Shareholders can accept the offer since the publication of the offer document on 1 February 2021. The acceptance period is six weeks and ends (subject to an extension) on 15 March 2021. In addition to the minimum acceptance threshold of 50 percent, the offer is subject to a sufficient number of waivers of termination rights by bondholders and creditors due to a change of control as well as regulatory approvals. Closing of the takeover offer is expected in the second quarter of 2021.
About Tele Columbus
Tele Columbus AG is one of Germany’s leading fibre network operators, which reaches more than three million homes. Through its brand PŸUR, the Company offers high-speed internet including telephony and more than 250 TV channels on a digital entertainment platform that combines linear TV with video on demand entertainment. To its housing as-sociation partners the Tele Columbus Group offers tailored models of cooperation and state-of-the-art services such as telemetric and tenant portals. As a full-service partner for municipalities and regional utilities, the Company is actively supporting the fibre-based infrastructure and broadband internet expansion in Germany. For its business customers, the Group offers carrier services and corporate solutions on its proprietary fibre network. Besides its headquarter in Berlin, the Company has locations in Hamburg, Leipzig, Ratingen and Unterföhring. Since January 2015, Tele Columbus AG is listed on the regulated market (Prime Standard) of the Frankfurt Stock exchange.
This release may contain forward-looking statements. These statements reflect the Company’s current knowledge and expectations and projections about future events. By their nature, forward-looking statements involve a number of risks, uncertainties, assumptions and other factors that could cause actual results or events to differ materially from those expressed or implied by the forward-looking statements. Such risks, uncertainties and assumptions may cause our actual results, performance or achievements to differ materially from those expressed or implied by such forward-looking statements. In light of these risks and uncertainties, the forward-looking events and circumstances discussed in this release may not occur and actual results could differ materially from those anticipated or implied in the forward-looking statements.
All information contained in this release has been carefully prepared. However, no reliance may be placed for any purposes whatsoever on the information contained in this document or on its completeness.

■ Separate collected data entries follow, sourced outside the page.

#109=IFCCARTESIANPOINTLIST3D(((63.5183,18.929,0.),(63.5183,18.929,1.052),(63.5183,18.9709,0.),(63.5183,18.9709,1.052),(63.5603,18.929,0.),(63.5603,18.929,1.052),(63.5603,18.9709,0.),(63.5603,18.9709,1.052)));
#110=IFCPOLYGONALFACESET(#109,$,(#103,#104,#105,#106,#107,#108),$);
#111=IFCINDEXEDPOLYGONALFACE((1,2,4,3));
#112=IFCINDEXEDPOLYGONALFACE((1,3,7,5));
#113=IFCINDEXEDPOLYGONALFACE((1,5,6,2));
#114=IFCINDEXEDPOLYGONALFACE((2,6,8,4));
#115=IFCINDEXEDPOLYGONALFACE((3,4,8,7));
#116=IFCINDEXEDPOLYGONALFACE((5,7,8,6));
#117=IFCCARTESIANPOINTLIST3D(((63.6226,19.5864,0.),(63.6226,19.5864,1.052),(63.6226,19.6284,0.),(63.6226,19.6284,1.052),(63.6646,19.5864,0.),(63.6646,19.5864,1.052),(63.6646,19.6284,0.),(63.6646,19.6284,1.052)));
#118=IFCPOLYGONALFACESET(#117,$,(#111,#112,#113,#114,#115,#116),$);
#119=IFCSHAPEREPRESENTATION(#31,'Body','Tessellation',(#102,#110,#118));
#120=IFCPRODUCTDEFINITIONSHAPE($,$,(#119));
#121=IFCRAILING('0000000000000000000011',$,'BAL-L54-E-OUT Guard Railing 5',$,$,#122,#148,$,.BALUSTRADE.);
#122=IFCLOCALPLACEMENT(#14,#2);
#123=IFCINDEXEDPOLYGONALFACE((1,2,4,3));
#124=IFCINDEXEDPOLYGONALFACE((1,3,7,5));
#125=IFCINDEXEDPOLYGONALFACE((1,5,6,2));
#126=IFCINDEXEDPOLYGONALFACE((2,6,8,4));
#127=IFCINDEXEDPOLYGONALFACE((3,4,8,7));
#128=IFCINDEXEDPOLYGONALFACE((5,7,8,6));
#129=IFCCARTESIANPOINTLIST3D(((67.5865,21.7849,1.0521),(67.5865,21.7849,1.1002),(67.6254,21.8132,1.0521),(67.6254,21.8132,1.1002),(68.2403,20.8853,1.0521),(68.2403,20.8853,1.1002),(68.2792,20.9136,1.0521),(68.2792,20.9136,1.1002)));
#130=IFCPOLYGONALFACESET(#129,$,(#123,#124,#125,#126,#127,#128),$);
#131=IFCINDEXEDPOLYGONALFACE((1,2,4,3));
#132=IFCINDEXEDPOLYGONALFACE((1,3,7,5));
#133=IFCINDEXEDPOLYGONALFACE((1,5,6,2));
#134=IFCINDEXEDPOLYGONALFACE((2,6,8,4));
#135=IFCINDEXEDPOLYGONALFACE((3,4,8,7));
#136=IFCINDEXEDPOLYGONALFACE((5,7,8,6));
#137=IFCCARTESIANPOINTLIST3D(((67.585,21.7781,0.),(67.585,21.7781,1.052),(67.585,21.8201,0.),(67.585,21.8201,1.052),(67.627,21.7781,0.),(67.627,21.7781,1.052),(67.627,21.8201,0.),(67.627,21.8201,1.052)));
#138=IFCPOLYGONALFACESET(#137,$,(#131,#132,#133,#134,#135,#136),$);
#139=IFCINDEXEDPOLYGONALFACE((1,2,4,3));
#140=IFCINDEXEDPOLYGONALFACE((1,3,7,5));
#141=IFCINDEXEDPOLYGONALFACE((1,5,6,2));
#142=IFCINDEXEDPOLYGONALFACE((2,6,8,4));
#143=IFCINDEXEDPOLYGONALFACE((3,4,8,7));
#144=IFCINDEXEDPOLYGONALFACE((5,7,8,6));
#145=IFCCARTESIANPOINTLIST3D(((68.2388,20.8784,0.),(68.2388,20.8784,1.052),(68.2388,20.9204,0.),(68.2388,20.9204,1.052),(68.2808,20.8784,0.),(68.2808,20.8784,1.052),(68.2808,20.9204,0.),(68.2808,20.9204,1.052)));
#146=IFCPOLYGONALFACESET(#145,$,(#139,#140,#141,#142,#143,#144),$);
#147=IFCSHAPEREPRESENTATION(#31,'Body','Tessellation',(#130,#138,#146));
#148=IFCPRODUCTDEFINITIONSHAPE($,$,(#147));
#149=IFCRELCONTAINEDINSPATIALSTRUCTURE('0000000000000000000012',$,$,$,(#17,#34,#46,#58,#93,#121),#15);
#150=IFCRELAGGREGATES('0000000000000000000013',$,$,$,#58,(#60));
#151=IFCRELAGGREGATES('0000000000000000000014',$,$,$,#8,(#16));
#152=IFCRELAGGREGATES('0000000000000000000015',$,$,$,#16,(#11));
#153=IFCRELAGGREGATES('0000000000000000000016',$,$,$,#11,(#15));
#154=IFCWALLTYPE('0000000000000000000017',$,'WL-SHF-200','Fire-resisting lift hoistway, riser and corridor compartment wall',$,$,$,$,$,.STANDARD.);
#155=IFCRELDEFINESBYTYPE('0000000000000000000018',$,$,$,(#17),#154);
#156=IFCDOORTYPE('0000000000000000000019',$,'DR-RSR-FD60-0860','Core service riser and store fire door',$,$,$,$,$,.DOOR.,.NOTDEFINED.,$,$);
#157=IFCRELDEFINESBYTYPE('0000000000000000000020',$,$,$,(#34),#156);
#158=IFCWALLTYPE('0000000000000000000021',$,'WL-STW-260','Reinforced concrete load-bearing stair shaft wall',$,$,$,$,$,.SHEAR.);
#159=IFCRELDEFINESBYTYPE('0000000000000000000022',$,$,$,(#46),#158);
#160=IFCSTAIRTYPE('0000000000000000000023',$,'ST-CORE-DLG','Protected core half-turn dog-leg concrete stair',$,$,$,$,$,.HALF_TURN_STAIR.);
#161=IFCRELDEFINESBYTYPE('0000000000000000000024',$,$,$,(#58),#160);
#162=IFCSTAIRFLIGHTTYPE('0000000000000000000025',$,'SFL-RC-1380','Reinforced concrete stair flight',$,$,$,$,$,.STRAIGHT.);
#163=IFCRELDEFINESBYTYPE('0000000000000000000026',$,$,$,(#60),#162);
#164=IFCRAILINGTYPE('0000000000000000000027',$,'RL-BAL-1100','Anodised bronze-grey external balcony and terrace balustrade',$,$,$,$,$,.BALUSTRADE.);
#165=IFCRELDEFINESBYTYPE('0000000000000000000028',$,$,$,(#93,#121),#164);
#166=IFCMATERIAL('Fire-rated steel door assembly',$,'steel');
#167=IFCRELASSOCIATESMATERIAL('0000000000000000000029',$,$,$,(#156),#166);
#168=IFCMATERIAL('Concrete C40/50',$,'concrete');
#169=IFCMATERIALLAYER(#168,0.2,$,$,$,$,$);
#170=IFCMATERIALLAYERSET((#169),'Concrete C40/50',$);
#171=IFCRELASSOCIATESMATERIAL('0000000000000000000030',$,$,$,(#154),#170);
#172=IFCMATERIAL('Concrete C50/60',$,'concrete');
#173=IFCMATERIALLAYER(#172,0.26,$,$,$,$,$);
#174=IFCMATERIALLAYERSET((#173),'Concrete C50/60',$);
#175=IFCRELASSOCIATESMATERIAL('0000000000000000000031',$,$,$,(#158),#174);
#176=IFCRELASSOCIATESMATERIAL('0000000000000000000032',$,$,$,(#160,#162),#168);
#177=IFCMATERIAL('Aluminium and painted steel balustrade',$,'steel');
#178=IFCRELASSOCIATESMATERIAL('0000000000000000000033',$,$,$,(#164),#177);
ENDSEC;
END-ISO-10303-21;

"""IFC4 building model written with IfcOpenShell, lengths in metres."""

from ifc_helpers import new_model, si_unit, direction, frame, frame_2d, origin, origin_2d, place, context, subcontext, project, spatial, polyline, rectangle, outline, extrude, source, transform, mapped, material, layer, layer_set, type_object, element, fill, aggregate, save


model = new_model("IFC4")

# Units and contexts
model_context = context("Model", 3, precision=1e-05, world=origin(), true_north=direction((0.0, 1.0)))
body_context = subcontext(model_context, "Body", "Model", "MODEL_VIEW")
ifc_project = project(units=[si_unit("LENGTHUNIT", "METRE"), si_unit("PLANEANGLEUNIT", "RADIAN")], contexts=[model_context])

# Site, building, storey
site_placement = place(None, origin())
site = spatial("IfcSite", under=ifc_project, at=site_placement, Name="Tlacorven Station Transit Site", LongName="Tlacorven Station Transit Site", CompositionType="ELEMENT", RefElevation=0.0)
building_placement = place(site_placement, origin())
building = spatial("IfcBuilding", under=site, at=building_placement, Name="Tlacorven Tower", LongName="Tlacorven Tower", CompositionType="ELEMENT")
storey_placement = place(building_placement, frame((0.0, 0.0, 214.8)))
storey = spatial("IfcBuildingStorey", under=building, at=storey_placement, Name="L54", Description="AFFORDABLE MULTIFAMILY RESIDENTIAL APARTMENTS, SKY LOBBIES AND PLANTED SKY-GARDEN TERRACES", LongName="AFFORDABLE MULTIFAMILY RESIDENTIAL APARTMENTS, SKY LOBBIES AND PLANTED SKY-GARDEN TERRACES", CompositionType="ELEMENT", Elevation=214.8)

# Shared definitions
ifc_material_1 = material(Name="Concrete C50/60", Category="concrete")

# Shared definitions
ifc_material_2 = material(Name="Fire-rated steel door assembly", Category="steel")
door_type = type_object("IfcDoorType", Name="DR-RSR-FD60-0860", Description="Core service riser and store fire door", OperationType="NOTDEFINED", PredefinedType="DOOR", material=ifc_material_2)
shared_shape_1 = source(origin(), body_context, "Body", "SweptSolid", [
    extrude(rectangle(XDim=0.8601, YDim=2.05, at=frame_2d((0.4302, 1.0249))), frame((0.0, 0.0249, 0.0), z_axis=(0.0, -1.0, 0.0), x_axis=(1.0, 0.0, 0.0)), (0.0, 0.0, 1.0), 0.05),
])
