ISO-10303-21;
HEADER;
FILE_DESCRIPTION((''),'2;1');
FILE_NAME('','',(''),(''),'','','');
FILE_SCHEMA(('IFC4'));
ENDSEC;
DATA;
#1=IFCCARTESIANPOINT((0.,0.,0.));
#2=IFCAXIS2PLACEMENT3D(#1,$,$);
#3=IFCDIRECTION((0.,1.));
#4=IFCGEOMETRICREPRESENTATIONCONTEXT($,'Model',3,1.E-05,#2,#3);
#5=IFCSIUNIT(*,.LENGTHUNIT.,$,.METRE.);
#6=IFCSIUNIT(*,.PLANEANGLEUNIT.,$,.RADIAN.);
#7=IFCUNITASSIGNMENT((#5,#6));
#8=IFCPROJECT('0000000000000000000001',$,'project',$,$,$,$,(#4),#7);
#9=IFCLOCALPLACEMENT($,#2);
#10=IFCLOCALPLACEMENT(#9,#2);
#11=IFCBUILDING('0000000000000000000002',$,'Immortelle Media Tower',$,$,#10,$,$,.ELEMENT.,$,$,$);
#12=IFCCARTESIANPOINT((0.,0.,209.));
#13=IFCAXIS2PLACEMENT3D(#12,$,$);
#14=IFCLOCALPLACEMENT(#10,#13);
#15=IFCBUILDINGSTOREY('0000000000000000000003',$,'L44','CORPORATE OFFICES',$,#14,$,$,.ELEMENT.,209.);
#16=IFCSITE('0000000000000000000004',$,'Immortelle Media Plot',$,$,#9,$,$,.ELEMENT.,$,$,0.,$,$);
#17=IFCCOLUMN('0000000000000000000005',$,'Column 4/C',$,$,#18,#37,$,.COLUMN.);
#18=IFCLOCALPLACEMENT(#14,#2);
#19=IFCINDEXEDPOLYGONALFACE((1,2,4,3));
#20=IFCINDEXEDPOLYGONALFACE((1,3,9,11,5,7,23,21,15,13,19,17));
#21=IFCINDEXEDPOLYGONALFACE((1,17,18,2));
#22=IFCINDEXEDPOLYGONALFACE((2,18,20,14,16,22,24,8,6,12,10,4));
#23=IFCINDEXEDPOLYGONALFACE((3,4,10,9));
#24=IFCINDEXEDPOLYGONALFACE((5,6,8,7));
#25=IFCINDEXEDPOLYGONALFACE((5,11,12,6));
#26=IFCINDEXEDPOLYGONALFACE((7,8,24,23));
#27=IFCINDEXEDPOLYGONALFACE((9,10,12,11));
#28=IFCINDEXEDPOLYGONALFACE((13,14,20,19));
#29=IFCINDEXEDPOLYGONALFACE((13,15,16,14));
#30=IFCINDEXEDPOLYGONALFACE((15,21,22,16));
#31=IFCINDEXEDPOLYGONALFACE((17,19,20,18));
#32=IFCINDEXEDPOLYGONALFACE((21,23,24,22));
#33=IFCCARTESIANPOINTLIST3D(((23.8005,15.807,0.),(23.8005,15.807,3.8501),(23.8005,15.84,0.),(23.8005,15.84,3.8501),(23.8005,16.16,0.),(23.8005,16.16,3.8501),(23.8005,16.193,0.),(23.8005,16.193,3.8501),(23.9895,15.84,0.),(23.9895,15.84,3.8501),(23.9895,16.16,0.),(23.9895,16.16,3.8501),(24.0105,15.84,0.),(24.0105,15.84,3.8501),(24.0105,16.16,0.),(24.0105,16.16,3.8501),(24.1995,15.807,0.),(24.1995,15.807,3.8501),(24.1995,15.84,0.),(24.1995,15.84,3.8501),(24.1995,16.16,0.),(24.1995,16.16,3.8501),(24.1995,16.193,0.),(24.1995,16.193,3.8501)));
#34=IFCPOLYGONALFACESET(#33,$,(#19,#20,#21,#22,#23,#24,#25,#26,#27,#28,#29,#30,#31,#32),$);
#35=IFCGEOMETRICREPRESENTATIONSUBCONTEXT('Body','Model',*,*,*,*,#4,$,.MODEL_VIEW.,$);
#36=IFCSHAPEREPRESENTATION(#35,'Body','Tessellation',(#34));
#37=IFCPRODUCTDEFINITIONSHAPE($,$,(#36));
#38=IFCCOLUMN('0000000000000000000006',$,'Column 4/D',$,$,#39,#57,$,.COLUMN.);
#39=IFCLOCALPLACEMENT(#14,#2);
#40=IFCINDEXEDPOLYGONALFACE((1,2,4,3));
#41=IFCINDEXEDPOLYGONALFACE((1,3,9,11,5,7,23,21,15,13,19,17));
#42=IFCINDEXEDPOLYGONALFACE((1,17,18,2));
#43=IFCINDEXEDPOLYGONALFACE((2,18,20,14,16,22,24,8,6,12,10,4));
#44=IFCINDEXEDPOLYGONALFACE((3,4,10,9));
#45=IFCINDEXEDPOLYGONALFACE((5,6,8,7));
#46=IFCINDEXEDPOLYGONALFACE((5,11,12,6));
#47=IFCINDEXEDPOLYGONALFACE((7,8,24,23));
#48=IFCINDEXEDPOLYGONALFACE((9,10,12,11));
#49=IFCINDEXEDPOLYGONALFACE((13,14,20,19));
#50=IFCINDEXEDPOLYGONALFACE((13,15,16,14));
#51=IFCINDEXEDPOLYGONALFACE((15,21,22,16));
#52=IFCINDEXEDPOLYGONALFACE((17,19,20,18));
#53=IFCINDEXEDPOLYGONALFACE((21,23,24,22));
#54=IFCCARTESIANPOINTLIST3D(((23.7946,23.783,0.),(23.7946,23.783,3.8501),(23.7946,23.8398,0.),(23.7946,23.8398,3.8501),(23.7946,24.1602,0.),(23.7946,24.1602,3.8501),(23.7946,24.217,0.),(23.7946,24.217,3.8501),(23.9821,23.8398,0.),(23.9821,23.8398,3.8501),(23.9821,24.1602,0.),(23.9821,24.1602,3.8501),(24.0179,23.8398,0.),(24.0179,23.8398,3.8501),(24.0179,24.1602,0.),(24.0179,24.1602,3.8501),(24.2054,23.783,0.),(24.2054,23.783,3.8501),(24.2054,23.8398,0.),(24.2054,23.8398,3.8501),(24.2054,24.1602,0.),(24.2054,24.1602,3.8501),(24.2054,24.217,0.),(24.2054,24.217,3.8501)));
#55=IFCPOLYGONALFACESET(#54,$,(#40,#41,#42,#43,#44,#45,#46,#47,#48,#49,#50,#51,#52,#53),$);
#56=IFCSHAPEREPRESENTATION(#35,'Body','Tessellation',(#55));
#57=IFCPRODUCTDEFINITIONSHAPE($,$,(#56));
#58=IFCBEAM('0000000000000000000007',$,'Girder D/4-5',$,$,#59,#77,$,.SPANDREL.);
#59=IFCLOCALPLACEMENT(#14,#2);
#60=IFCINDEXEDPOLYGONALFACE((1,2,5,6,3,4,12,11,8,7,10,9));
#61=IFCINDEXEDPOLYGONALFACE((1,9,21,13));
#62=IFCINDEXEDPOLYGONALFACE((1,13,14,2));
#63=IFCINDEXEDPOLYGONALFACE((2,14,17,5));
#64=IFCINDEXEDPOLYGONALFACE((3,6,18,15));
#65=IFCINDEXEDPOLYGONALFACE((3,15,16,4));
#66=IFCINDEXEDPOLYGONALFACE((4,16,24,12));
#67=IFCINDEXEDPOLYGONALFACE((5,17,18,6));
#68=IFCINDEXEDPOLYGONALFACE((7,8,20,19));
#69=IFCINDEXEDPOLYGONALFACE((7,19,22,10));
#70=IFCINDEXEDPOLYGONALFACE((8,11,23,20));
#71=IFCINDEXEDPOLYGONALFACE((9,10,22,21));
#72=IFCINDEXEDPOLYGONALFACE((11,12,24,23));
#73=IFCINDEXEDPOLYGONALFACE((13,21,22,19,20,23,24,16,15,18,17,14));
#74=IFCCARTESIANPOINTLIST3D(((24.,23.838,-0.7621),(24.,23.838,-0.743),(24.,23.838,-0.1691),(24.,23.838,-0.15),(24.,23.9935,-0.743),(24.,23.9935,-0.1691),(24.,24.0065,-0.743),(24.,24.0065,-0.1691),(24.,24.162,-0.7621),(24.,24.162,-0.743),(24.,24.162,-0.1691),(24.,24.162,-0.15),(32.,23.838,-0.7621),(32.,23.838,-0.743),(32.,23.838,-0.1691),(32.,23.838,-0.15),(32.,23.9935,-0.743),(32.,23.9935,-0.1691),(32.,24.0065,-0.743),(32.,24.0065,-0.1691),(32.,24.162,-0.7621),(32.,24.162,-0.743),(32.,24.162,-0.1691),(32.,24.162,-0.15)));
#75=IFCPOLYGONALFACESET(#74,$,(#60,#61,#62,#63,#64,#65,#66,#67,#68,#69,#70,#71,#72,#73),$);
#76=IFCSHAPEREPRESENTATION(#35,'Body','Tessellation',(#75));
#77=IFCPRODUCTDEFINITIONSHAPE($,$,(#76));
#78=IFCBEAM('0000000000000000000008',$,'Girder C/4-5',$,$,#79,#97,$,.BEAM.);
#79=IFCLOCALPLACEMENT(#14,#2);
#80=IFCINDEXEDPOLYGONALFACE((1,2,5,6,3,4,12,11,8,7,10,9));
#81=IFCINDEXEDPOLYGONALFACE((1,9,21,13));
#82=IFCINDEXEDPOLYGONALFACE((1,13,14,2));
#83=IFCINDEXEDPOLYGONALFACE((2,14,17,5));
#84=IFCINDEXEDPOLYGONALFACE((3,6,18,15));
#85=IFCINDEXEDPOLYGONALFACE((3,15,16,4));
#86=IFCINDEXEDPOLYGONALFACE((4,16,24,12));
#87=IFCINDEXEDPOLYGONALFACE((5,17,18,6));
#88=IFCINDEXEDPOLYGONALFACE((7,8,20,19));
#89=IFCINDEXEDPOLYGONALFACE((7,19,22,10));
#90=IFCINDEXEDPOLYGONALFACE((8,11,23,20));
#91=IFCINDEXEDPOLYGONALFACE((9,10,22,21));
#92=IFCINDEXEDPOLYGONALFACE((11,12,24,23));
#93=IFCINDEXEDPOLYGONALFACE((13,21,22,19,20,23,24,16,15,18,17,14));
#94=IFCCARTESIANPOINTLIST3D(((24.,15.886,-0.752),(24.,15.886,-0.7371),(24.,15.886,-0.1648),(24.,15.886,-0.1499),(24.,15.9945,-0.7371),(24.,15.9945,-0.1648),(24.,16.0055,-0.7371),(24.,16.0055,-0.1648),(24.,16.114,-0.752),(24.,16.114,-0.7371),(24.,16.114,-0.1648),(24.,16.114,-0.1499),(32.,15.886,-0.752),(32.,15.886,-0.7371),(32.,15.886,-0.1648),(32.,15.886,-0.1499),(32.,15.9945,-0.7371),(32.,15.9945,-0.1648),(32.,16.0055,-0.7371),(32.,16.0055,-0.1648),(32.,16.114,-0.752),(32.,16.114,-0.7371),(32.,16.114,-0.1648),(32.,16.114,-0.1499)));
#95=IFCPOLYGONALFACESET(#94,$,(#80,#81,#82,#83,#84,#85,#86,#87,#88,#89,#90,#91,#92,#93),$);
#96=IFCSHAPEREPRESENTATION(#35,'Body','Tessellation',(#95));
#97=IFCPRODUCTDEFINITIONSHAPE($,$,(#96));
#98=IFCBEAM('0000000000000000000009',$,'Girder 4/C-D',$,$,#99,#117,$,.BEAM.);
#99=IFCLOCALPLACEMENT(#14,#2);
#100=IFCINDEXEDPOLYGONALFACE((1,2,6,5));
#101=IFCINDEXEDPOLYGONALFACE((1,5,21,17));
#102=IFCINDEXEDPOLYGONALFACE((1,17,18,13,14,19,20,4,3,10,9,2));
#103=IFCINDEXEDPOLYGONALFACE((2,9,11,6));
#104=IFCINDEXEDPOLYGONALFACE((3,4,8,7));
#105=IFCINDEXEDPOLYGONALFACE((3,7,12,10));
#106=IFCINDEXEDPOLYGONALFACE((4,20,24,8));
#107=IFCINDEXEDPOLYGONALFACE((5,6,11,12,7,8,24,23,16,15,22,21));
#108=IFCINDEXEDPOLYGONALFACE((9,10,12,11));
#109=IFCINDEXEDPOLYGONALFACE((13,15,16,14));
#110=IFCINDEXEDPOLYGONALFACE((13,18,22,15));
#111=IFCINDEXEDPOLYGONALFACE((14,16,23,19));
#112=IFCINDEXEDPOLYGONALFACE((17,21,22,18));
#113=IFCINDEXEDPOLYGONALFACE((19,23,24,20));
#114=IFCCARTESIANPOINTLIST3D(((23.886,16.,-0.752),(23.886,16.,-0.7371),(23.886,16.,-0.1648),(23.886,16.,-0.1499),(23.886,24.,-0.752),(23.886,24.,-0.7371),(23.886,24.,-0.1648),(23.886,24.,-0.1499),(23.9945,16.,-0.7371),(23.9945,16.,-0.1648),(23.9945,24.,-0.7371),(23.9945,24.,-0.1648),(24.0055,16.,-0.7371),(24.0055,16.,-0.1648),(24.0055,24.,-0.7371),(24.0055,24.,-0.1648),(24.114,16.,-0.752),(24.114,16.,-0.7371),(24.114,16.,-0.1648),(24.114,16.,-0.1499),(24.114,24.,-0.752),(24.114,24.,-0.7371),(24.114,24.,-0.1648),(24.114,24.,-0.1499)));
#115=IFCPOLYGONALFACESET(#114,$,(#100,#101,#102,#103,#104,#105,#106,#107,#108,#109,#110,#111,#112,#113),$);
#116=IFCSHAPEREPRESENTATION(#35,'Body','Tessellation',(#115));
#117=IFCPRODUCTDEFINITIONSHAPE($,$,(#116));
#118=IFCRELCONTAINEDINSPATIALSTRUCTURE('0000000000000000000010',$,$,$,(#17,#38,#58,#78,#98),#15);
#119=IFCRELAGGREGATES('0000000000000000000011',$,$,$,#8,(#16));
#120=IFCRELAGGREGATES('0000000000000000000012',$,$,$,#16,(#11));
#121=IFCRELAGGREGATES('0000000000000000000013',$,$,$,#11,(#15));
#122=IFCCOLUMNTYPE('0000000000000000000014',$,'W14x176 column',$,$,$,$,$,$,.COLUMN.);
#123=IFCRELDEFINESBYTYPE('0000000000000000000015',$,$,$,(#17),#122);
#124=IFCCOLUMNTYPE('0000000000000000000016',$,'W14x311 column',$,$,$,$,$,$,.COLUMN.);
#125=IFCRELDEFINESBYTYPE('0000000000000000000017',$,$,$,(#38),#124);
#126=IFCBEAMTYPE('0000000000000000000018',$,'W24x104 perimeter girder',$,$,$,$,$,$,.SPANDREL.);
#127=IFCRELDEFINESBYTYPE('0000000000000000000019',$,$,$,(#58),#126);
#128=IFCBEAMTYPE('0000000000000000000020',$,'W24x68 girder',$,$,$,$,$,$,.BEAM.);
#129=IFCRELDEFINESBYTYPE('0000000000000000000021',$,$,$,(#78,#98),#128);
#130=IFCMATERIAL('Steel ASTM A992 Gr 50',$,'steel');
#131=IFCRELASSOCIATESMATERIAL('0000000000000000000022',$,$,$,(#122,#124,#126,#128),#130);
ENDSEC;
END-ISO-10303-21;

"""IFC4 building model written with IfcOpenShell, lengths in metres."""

from ifc_helpers import new_model, si_unit, direction, frame, origin, origin_2d, place, context, subcontext, project, spatial, i_section, extrude, material, material_profile, profile_set, type_object, element, save


model = new_model("IFC4")

# Units and contexts
model_context = context("Model", 3, precision=1e-05, world=origin(), true_north=direction((0.0, 1.0)))
body_context = subcontext(model_context, "Body", "Model", "MODEL_VIEW")
ifc_project = project(units=[si_unit("LENGTHUNIT", "METRE"), si_unit("PLANEANGLEUNIT", "RADIAN")], contexts=[model_context])

# Site, building, storey
site_placement = place(None, origin())
site = spatial("IfcSite", under=ifc_project, at=site_placement, Name="Immortelle Media Plot", CompositionType="ELEMENT", RefElevation=0.0)
building_placement = place(site_placement, origin())
building = spatial("IfcBuilding", under=site, at=building_placement, Name="Immortelle Media Tower", CompositionType="ELEMENT")
storey_placement = place(building_placement, frame((0.0, 0.0, 209.0)))
storey = spatial("IfcBuildingStorey", under=building, at=storey_placement, Name="L44", Description="CORPORATE OFFICES", CompositionType="ELEMENT", Elevation=209.0)

# Columns
ifc_material_1 = material(Name="Steel ASTM A992 Gr 50", Category="steel")
ifc_material_profile_1 = material_profile(ifc_material_1, i_section(OverallWidth=0.3989, OverallDepth=0.386, WebThickness=0.021, FlangeThickness=0.033, at=origin_2d()), Name="W14x176")
ifc_profile_set_1 = profile_set([ifc_material_profile_1], Name="Steel ASTM A992 Gr 50")
column_type_1 = type_object("IfcColumnType", Name="W14x176 column", PredefinedType="COLUMN", material=ifc_profile_set_1)
column_1_placement = place(storey_placement, frame((24.0, 16.0, 0.0), z_axis=(0.0, 0.0, 1.0), x_axis=(1.0, 0.0, 0.0)))
element("IfcColumn", 1, at=column_1_placement, inside=storey, type_object=column_type_1, Name="Column 4/C", PredefinedType="COLUMN", context=body_context, shape_type="SweptSolid", body=[
    extrude(i_section(OverallWidth=0.3989, OverallDepth=0.386, WebThickness=0.021, FlangeThickness=0.033, at=origin_2d()), origin(), (0.0, 0.0, 1.0), 3.8501),
])
ifc_material_profile_2 = material_profile(ifc_material_1, i_section(OverallWidth=0.4109, OverallDepth=0.4341, WebThickness=0.0359, FlangeThickness=0.0569, at=origin_2d()), Name="W14x311")
ifc_profile_set_2 = profile_set([ifc_material_profile_2], Name="Steel ASTM A992 Gr 50")
column_type_2 = type_object("IfcColumnType", Name="W14x311 column", PredefinedType="COLUMN", material=ifc_profile_set_2)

This release does not constitute or form part of, and should not be construed as, and offered to sell or issue, or the solicitation of an offer to purchase, subscribe to or acquire, securities of the Company, or an inducement to enter into investment activity in the United States. No part of this release, nor the fact of its distribution, should form the basis of, or be relied on in connection with, any contract or commitment or investment decision whatsoever.